- The Washington Times - Thursday, February 28, 2002

ANNAPOLIS Maryland Lt. Gov. Kathleen Kennedy Townsend said yesterday that a study of speed-monitoring cameras "may be very worthwhile."
But Mrs. Townsend, a Democrat who hopes to be governor next year, will likely have to wait for any move toward radar cameras: The chairman of the Senate committee that controls the fate of such measures says it won't happen this year.
"As far as I'm concerned, it's dead," said Sen. Walter M. Baker, an upper Eastern Shore Democrat and chairman of the Senate Judicial Proceedings Committee, which will determine whether proposals to bring radar cameras to Maryland go to the full Senate.
Mr. Baker said he's opposed to any "foot in the door for a bad bill."
"If they want to come up with a bill that doesn't violate the equal-protection clause [of the U.S. Constitution] but I don't play 'what if,'" said Mr. Baker, noting that photo enforcement of traffic laws creates a double standard.
Persons cited for violations caught with cameras are charged fines, but nothing goes on their driver's record and the citation is not used to raise his or her insurance rates. But someone cited for the same violation by a police officer who writes a ticket typically gets hit with a fine, points against his or her license and higher insurance rates.
Mr. Baker's opposition means that the House is unlikely to rewrite a similar proposal into a pilot program for radar cameras, said Delegate James E. Malone Jr., chairman of the Commerce and Government Matters motor vehicles subcommittee.
"I think there's some concern as to having speeding cameras everywhere," said Mr. Malone, a Democrat who represents Baltimore and Howard counties.
Howard County's executive and police chief had asked to at least be allowed to introduce the cameras on a trial basis. Montgomery County's executive and Baltimore's mayor also want permission to install them.
Initially, Howard County wanted to put the radar cameras in school zones because the county cannot afford to place police traffic patrols at every school, Mr. Malone said.
Mr. Baker said he's worried about machines taking the place of people. He's also bothered by the fact that vendors who run the traffic-camera programs make a commission on the fines they generate.
"We need to take a look at that issue," Mr. Baker said.
As a career firefighter and paramedic, Mr. Malone said he believes that red-light cameras already operating in 16 Maryland jurisdictions have made intersections safer.
And Mr. Malone said he disagrees with Mr. Baker's assessment that photo enforcement is really a money-making scheme.
"But if that is how the senator feels, then maybe this is not something we should take up this year," Mr. Malone said.

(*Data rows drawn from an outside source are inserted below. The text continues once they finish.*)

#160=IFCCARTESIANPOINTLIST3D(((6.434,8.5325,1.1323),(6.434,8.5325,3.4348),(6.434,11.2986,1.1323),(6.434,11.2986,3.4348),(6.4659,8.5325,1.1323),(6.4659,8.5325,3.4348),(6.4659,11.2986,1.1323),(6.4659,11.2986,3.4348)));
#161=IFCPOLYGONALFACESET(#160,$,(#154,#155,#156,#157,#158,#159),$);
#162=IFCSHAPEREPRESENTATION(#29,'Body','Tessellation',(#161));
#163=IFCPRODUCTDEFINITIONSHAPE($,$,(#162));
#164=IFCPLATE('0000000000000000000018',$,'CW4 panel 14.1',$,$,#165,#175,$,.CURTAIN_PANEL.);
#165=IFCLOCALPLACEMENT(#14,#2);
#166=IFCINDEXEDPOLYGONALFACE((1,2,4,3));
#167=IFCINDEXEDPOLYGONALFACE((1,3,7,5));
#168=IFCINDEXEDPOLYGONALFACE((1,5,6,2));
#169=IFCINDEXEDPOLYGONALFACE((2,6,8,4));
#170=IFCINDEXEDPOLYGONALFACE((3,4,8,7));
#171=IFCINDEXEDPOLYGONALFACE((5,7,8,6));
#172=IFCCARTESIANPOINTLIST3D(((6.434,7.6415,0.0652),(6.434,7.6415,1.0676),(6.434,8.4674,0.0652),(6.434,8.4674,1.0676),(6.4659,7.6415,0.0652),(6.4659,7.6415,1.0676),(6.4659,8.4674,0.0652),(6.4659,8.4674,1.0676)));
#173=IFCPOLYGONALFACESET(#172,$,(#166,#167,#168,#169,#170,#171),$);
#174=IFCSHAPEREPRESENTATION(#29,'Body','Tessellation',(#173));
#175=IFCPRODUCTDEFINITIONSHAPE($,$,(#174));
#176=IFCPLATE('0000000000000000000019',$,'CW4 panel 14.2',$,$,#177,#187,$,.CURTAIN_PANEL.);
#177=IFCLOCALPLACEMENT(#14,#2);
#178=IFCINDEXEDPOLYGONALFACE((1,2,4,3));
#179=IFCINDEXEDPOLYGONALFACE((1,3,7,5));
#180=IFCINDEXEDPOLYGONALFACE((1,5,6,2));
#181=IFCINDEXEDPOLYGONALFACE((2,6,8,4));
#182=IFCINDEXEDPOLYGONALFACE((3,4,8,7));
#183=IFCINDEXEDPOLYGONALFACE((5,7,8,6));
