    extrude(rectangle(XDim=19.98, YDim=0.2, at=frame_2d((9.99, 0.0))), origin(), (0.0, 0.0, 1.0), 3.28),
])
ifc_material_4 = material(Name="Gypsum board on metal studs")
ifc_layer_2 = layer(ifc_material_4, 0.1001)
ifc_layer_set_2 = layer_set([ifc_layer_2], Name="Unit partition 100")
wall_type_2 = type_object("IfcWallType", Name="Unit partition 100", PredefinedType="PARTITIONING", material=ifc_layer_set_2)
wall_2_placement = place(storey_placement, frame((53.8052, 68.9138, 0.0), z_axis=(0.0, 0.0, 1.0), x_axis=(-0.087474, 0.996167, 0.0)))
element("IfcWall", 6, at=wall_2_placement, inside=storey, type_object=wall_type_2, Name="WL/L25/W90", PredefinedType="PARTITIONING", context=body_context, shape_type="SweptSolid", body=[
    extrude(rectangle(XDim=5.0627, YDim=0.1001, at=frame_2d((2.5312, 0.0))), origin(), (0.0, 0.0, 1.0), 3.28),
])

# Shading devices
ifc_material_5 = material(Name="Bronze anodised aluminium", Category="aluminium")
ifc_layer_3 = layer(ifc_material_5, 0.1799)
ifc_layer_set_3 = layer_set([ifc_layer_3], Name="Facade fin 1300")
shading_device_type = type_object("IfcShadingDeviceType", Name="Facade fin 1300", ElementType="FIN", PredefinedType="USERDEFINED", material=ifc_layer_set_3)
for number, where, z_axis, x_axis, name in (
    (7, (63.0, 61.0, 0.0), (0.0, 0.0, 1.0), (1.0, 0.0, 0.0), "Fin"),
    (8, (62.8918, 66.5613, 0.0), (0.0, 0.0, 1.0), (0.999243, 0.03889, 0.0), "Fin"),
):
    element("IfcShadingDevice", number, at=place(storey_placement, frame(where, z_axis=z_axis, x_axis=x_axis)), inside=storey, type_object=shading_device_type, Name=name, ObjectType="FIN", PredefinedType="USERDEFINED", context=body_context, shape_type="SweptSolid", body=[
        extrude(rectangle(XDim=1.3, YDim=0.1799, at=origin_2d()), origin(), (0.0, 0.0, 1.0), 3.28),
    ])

Mr. Baker said he's also concerned about the duration of yellow caution lights at intersections with red-light cameras. He said he'll ask the Maryland Department of Transportation to review the length of yellow lights at those intersections and ensure that the signal lasts long enough to allow people traveling the posted speed limit to stop.
But he said he doesn't believe it's necessary to mandate a four-second minimum for yellow lights, as is proposed in a bill before his committee.